Heureusement ce manège infernal prend fin, je suis épuisé et les coussinets de mes pattes irrités par le macadam de la route, sont en feu
Max me dépose devant notre maison. Quand il glisse le petit papier sous mon collier, je me sens offensé dans ma dignité, c’est que j’ai mon amour propre, j’ai une réputation à tenir, je ne suis pas un chien facile ! Et puis que faire de ce papier, j’aurais préféré un sucre !
Avant de rentrer dans la maison, je me jette sur le petit bassin dans le jardin pour y boire un litre d’eau tant je suis assoiffé, je crois bien avoir avalé un ou deux poissons rouges au passage…
Benji est absorbé par le montage d’un film sur son ordinateur et ne s’aperçoit même pas de mon état d’épuisement lorsque je m’affale sur le canapé.
Jour 7
Encore 8 h du matin et encore Max, sautillant avec impatience devant le portillon du jardin !
C’est fois c’est trop ! Moi qui suis normalement si calme, je ressens un violent sentiment de révolte ! Mon sang ne fait qu’un tour, dès que Benji ouvre la porte, je me jette vers Max en grondant et en découvrant tous mes crocs. Si je n’avais pas le poil si ras, je me hérisserais pour doubler de volume et si j’étais un ours je me dresserais sur mes pattes arrière.
Benji commence à se dire qu’il a peut être poussé le bouchon un peu trop loin dans sa quête de « petits papiers » et commence seulement à éprouver les remords d’un honnête proxénète tout de même un peu soucieux du bien-être de son personnel.

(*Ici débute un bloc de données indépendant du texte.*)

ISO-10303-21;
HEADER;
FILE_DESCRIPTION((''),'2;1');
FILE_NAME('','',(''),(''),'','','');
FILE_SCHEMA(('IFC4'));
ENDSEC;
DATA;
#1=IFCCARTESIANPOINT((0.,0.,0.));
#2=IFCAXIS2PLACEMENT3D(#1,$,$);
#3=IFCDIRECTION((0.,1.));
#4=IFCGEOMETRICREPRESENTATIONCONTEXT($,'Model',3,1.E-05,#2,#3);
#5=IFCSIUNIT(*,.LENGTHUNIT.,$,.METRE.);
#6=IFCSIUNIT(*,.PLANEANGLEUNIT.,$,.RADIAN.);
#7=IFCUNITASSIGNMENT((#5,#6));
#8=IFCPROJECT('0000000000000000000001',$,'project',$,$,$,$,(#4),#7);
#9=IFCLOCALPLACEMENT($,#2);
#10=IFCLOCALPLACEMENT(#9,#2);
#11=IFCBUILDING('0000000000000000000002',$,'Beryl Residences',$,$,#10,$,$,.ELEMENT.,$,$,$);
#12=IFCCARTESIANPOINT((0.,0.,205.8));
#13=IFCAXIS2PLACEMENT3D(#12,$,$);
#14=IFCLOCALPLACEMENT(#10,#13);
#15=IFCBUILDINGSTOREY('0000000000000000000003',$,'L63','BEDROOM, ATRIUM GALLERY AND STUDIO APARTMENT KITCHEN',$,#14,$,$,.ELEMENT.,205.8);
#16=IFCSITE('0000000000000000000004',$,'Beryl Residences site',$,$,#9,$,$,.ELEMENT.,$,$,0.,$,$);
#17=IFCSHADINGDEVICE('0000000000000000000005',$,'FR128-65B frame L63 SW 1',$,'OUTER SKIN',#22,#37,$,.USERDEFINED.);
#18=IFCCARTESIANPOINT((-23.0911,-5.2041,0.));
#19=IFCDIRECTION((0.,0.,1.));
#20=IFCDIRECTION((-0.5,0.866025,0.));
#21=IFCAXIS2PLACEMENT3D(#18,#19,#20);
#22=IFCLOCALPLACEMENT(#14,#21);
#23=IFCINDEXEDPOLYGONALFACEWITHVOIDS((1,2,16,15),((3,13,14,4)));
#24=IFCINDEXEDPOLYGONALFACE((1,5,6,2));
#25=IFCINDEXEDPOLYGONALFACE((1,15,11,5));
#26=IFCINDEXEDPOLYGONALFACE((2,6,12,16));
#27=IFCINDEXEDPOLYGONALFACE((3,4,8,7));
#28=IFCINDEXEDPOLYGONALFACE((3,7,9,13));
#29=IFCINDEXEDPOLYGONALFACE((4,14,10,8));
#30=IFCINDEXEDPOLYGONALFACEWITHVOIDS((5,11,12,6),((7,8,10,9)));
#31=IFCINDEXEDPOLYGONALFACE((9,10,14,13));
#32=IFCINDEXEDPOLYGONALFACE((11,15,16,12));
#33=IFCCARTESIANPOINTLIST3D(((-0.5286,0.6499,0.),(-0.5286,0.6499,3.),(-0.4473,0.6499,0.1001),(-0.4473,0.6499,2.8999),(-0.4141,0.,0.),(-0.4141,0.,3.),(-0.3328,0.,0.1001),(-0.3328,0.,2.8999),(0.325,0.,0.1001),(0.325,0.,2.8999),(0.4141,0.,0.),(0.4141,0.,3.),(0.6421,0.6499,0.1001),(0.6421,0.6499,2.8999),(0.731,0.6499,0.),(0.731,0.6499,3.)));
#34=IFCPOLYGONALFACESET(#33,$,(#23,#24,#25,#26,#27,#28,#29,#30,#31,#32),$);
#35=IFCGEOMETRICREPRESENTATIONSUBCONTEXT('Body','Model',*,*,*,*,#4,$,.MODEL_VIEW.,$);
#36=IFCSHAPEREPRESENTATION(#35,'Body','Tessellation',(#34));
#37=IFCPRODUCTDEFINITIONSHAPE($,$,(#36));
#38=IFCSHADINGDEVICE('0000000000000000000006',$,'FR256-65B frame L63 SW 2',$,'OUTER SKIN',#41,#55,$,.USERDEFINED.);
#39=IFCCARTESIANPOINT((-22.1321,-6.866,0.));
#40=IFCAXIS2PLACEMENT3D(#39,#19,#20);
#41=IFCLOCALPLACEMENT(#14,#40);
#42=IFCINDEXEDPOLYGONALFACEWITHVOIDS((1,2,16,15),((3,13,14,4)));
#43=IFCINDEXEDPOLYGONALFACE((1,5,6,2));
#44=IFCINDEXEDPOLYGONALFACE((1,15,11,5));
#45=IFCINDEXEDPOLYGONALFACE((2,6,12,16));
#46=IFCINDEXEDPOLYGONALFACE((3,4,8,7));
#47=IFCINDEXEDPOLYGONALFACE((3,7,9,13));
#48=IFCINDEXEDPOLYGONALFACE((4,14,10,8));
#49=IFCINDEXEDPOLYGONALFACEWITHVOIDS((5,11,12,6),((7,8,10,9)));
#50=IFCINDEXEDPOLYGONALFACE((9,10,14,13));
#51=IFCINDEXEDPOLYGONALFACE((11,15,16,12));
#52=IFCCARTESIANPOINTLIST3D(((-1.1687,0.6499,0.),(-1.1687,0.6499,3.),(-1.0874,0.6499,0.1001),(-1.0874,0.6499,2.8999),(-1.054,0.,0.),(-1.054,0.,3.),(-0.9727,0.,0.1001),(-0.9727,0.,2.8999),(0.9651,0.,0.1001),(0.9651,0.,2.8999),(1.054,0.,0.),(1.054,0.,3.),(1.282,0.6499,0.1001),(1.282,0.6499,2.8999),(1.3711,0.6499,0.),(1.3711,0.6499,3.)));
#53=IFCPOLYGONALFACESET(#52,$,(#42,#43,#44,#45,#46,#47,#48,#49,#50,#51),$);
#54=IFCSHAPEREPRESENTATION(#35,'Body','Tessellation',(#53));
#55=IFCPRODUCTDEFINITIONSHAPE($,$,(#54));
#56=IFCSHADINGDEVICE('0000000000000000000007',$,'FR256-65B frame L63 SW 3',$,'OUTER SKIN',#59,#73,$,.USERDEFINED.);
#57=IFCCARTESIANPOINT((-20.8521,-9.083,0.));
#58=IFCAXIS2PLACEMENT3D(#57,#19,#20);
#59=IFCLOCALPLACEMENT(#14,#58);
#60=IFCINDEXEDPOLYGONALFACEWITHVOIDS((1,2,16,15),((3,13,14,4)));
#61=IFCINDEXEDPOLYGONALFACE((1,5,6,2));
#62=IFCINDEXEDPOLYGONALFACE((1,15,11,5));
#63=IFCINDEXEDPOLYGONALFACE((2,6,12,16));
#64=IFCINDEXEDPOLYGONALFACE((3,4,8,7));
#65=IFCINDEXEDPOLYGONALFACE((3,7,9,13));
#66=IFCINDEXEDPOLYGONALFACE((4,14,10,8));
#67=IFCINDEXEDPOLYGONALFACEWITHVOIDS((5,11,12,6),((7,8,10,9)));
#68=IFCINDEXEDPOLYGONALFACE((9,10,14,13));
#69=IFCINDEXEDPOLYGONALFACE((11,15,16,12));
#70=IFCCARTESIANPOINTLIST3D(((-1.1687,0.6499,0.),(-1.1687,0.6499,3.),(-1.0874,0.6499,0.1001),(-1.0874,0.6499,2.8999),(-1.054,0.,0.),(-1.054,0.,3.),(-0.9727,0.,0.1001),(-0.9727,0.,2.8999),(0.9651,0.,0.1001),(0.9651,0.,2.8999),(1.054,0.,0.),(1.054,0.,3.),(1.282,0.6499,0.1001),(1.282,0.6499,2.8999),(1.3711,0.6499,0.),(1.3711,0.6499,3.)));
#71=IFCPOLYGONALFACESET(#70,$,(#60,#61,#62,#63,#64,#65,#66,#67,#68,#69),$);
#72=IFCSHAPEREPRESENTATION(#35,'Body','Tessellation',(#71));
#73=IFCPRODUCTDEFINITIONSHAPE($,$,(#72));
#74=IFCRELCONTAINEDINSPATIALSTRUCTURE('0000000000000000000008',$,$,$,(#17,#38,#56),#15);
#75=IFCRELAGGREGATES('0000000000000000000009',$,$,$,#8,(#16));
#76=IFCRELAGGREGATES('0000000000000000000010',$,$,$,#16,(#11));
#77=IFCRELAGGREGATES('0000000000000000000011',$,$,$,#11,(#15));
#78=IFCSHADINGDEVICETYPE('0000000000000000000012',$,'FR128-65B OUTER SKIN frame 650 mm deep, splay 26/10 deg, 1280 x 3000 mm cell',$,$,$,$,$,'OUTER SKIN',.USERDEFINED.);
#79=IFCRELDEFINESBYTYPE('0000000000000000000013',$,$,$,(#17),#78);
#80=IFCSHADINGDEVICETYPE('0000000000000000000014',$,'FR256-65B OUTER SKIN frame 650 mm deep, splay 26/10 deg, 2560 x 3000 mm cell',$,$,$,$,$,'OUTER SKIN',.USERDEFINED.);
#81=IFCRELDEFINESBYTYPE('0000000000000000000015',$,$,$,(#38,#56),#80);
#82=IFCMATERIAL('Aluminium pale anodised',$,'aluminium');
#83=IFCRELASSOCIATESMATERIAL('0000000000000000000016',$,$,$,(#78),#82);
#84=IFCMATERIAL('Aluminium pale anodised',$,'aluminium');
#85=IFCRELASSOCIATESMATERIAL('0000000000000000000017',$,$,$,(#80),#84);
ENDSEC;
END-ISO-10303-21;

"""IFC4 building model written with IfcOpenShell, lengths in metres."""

from ifc_helpers import new_model, entity, si_unit, direction, frame, origin, place, context, subcontext, project, spatial, source, transform, mapped, material, type_object, type_shapes, element, save


model = new_model("IFC4")

# Units and contexts
model_context = context("Model", 3, precision=1e-05, world=origin(), true_north=direction((0.0, 1.0)))
body_context = subcontext(model_context, "Body", "Model", "MODEL_VIEW")
ifc_project = project(units=[si_unit("LENGTHUNIT", "METRE"), si_unit("PLANEANGLEUNIT", "RADIAN")], contexts=[model_context])

# Site, building, storey
site_placement = place(None, origin())
site = spatial("IfcSite", under=ifc_project, at=site_placement, Name="Beryl Residences site", CompositionType="ELEMENT", RefElevation=0.0)
building_placement = place(site_placement, origin())
building = spatial("IfcBuilding", under=site, at=building_placement, Name="Beryl Residences", CompositionType="ELEMENT")
storey_placement = place(building_placement, frame((0.0, 0.0, 205.8)))
storey = spatial("IfcBuildingStorey", under=building, at=storey_placement, Name="L63", Description="BEDROOM, ATRIUM GALLERY AND STUDIO APARTMENT KITCHEN", CompositionType="ELEMENT", Elevation=205.8)

# Shading devices
ifc_material_1 = material(Name="Aluminium pale anodised", Category="aluminium")
shading_device_type_1 = type_object("IfcShadingDeviceType", Name="FR128-65B OUTER SKIN frame 650 mm deep, splay 26/10 deg, 1280 x 3000 mm cell", ElementType="OUTER SKIN", PredefinedType="USERDEFINED", material=ifc_material_1)
cartesian_point_1 = entity("IfcCartesianPoint", [-0.4141, 0.0])
cartesian_point_2 = entity("IfcCartesianPoint", [-0.325, 0.1001])
cartesian_point_3 = entity("IfcCartesianPoint", [-0.731, 0.0])
cartesian_point_4 = entity("IfcCartesianPoint", [-0.6421, 0.1001])
shared_shape_1 = source(origin(), body_context, "Body", "SweptSolid", [
    entity("IfcExtrudedAreaSolidTapered", entity("IfcArbitraryProfileDefWithVoids", "AREA", None, entity("IfcPolyline", [cartesian_point_1, entity("IfcCartesianPoint", [0.4141, 0.0]), entity("IfcCartesianPoint", [0.4141, 3.0]), entity("IfcCartesianPoint", [-0.4141, 3.0]), cartesian_point_1]), [entity("IfcPolyline", [cartesian_point_2, entity("IfcCartesianPoint", [0.3328, 0.1001]), entity("IfcCartesianPoint", [0.3328, 2.8999]), entity("IfcCartesianPoint", [-0.325, 2.8999]), cartesian_point_2])]), entity("IfcAxis2Placement3D", entity("IfcCartesianPoint", [0.0, 0.0, 0.0]), entity("IfcDirection", [0.0, 1.0, 0.0]), entity("IfcDirection", [-1.0, 0.0, 0.0])), entity("IfcDirection", [0.0, 0.0, 1.0]), 0.6499, entity("IfcArbitraryProfileDefWithVoids", "AREA", None, entity("IfcPolyline", [cartesian_point_3, entity("IfcCartesianPoint", [0.5286, 0.0]), entity("IfcCartesianPoint", [0.5286, 3.0]), entity("IfcCartesianPoint", [-0.731, 3.0]), cartesian_point_3]), [entity("IfcPolyline", [cartesian_point_4, entity("IfcCartesianPoint", [0.4473, 0.1001]), entity("IfcCartesianPoint", [0.4473, 2.8999]), entity("IfcCartesianPoint", [-0.6421, 2.8999]), cartesian_point_4])])),
])
type_shapes(shading_device_type_1, [shared_shape_1])
shading_device_placement = place(storey_placement, frame((-23.0911, -5.2041, 0.0), z_axis=(0.0, 0.0, 1.0), x_axis=(-0.5, 0.866025, 0.0)))
element("IfcShadingDevice", 1, at=shading_device_placement, inside=storey, type_object=shading_device_type_1, Name="FR128-65B frame L63 SW 1", ObjectType="OUTER SKIN", PredefinedType="USERDEFINED", context=body_context, shape_type="MappedRepresentation", body=[
    mapped(shared_shape_1, transform((0.0, 0.0, 0.0))),
])
ifc_material_2 = material(Name="Aluminium pale anodised", Category="aluminium")
shading_device_type_2 = type_object("IfcShadingDeviceType", Name="FR256-65B OUTER SKIN frame 650 mm deep, splay 26/10 deg, 2560 x 3000 mm cell", ElementType="OUTER SKIN", PredefinedType="USERDEFINED", material=ifc_material_2)
cartesian_point_5 = entity("IfcCartesianPoint", [-1.054, 0.0])
cartesian_point_6 = entity("IfcCartesianPoint", [-0.9651, 0.1001])
cartesian_point_7 = entity("IfcCartesianPoint", [-1.3711, 0.0])
cartesian_point_8 = entity("IfcCartesianPoint", [-1.282, 0.1001])
shared_shape_2 = source(origin(), body_context, "Body", "SweptSolid", [
    entity("IfcExtrudedAreaSolidTapered", entity("IfcArbitraryProfileDefWithVoids", "AREA", None, entity("IfcPolyline", [cartesian_point_5, entity("IfcCartesianPoint", [1.054, 0.0]), entity("IfcCartesianPoint", [1.054, 3.0]), entity("IfcCartesianPoint", [-1.054, 3.0]), cartesian_point_5]), [entity("IfcPolyline", [cartesian_point_6, entity("IfcCartesianPoint", [0.9727, 0.1001]), entity("IfcCartesianPoint", [0.9727, 2.8999]), entity("IfcCartesianPoint", [-0.9651, 2.8999]), cartesian_point_6])]), entity("IfcAxis2Placement3D", entity("IfcCartesianPoint", [0.0, 0.0, 0.0]), entity("IfcDirection", [0.0, 1.0, 0.0]), entity("IfcDirection", [-1.0, 0.0, 0.0])), entity("IfcDirection", [0.0, 0.0, 1.0]), 0.6499, entity("IfcArbitraryProfileDefWithVoids", "AREA", None, entity("IfcPolyline", [cartesian_point_7, entity("IfcCartesianPoint", [1.1687, 0.0]), entity("IfcCartesianPoint", [1.1687, 3.0]), entity("IfcCartesianPoint", [-1.3711, 3.0]), cartesian_point_7]), [entity("IfcPolyline", [cartesian_point_8, entity("IfcCartesianPoint", [1.0874, 0.1001]), entity("IfcCartesianPoint", [1.0874, 2.8999]), entity("IfcCartesianPoint", [-1.282, 2.8999]), cartesian_point_8])])),
])
type_shapes(shading_device_type_2, [shared_shape_2])
for number, where, z_axis, x_axis, name in (
    (2, (-22.1321, -6.866, 0.0), (0.0, 0.0, 1.0), (-0.5, 0.866025, 0.0), "FR256-65B frame L63 SW 2"),
    (3, (-20.8521, -9.083, 0.0), (0.0, 0.0, 1.0), (-0.5, 0.866025, 0.0), "FR256-65B frame L63 SW 3"),
):
    element("IfcShadingDevice", number, at=place(storey_placement, frame(where, z_axis=z_axis, x_axis=x_axis)), inside=storey, type_object=shading_device_type_2, Name=name, ObjectType="OUTER SKIN", PredefinedType="USERDEFINED", context=body_context, shape_type="MappedRepresentation", body=[
        mapped(shared_shape_2, transform((0.0, 0.0, 0.0))),
    ])

save(model, "model.ifc")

Max, lui, est très surpris de mon attitude mais pas vraiment effrayé, ma réputation de bon toutou ne rendant pas très crédible mon simulacre d’agressivité.
Je redouble donc de grognements et accentue ma posture menaçante mais Max ne semble toujours pas convaincu.
A force de me racler la gorge pour mieux grogner, je suis soudain pris d’une violente quinte de toux.
Enfin Max réagit et la peur apparaît dans ses yeux écarquillés, il fait prestement demi -tour, en se cachant de la main, la bouche et le nez.
Bon débarras !
Je crois que je peux faire confiance à Max pour répéter à tout le voisinage que le brave Bolduc a été contaminé par un virus combinant le covid et la rage, et que je vais enfin pouvoir apprécier paisiblement les joies du confinement en rêvant de ma belle cousine.